Seteru Sistem Pemilu 2024 Membodohi Masyarakat!

Riuh rendah diskursus sistem Pemilu proporsional tertutup dan terbuka memenuhi ruang publik. Para pelakon politik sikapnya terbelah

Ilustrasi proses penyortiran dan pelipatan surat suara Pemilu 2019. (ANTARA FOTO/Rahmad)

apahabar.com, JAKARTA - Riuh rendah diskursus sistem Pemilu proporsional tertutup dan terbuka memenuhi ruang publik. Para pelakon politik sikapnya terbelah dan mempertegas posisi partainya untuk memilih sistem Pemilu tertutup atau terbuka.

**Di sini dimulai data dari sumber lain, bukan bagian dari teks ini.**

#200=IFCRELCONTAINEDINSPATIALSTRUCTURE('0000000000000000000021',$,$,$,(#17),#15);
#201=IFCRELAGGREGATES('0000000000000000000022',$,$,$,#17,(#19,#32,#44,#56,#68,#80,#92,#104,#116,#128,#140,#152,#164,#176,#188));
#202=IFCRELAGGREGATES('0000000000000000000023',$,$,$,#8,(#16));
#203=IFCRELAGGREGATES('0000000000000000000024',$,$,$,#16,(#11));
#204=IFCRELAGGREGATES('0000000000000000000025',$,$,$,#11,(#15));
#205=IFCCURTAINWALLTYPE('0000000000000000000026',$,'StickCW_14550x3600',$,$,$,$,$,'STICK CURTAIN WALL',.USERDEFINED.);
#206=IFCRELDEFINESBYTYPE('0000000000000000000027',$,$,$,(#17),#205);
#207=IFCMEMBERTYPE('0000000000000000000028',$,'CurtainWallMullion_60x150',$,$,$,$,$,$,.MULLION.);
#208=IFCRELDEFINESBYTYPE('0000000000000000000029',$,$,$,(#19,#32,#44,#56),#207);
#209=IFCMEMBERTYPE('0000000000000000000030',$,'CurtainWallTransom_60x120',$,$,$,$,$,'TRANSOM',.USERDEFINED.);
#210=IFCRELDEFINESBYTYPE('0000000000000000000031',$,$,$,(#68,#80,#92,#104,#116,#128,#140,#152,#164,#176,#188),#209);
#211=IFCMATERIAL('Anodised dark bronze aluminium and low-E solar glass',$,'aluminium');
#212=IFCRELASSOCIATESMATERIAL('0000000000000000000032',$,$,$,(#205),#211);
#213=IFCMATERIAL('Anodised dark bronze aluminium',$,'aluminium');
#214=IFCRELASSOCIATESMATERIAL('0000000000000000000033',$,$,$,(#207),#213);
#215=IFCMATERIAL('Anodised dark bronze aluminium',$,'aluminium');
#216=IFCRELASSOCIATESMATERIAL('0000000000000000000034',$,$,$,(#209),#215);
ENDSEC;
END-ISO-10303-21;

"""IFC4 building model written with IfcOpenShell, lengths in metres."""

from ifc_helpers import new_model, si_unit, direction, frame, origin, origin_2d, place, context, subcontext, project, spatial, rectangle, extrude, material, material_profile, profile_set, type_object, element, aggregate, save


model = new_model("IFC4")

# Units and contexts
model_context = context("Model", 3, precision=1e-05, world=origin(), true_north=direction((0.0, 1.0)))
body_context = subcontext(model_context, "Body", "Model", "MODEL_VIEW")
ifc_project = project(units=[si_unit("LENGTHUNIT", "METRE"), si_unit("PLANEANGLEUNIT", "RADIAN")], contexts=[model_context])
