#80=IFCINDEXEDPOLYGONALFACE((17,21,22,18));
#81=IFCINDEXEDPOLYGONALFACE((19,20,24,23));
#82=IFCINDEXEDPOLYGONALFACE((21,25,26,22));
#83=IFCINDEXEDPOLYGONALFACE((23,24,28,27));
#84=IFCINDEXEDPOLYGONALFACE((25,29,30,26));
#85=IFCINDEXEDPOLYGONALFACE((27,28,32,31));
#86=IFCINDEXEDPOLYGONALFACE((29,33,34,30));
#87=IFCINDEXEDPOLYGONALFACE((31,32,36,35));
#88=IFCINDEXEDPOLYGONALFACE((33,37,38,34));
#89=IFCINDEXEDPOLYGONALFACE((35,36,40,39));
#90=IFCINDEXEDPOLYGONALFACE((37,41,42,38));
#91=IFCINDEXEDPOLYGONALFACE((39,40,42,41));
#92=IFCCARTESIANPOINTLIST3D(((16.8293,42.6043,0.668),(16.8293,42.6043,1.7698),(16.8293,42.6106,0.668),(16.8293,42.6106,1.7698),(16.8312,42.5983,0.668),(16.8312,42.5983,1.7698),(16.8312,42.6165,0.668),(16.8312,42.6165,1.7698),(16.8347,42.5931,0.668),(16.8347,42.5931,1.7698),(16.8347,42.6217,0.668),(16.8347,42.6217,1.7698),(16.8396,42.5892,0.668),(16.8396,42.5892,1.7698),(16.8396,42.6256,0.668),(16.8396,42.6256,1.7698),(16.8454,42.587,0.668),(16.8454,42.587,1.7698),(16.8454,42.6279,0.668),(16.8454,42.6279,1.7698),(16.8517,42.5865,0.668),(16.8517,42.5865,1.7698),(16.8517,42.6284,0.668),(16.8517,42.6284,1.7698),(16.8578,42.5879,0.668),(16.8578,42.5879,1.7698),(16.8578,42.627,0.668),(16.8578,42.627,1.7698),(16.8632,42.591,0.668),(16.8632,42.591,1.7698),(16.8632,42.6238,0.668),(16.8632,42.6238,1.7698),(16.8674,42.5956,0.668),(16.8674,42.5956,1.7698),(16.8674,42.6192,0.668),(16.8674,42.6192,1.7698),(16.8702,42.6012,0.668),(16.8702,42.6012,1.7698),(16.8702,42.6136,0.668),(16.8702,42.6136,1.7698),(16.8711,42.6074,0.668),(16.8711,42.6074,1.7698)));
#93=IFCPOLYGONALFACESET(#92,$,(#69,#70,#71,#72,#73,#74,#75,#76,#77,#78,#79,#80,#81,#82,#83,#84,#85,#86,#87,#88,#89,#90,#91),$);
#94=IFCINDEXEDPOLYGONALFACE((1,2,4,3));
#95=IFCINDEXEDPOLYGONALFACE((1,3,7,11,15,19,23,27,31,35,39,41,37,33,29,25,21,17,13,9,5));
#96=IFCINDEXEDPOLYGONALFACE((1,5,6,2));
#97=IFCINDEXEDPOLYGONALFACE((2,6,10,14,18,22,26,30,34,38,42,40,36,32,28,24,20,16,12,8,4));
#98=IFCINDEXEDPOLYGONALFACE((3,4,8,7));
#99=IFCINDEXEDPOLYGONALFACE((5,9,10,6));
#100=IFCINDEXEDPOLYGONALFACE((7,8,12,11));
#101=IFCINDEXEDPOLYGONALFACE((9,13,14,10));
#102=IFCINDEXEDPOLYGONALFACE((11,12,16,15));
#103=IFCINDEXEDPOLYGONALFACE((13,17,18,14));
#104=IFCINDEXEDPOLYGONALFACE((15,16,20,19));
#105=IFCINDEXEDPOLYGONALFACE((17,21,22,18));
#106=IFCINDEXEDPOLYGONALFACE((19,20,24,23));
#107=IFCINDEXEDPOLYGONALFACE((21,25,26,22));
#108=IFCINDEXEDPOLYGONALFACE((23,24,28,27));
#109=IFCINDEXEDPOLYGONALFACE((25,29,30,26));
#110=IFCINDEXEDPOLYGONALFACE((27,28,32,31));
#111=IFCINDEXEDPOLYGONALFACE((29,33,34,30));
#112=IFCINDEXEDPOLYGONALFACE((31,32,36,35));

Lalu mereka memanfaatkan media massa untuk mengurai dan mengumbar informasi tentang kemelut sistem Pemilu. Mereka mengupayakan agar masyarakat memahami diferensiasi dari dampak penerapan sistem Pemilu terbuka atau tertutup.

Maka mayoritas partai di DPR menyatakan menolak sistem Pemilu tertutup, mereka menginginkan masyarakat langsung memilih wakilnya dalam gelaran Pemilihan Anggota Legislatif (Pileg) 2024.

Baca Juga: MK Bakal Ketok Palu Sistem Pemilu 2024 Kamis Mendatang

Sedangkan PDI Perjuangan bersikukuh sendirian tanpa teman menyatakan mendukung Pemilu tertutup atau rakyat langsung coblos partai sehingga masyarakat tak perlu repot mengingat nominasi wakil rakyat untuk dipilih saat Pileg.

Jika ditinjau dari prinsip demokrasi, kedua sistem Pemilu tak memiliki perbedaan signifikan. Sebab asas Pemilu langsung memenuhi kriteria dalam sistem Pemilu terbuka atau tertutup.

Dalam Pemilu terbuka, masyarakat langsung memilih wakil rakyatnya. Sedangkan pemilu tertutup, masyarakat juga langsung memilih partai.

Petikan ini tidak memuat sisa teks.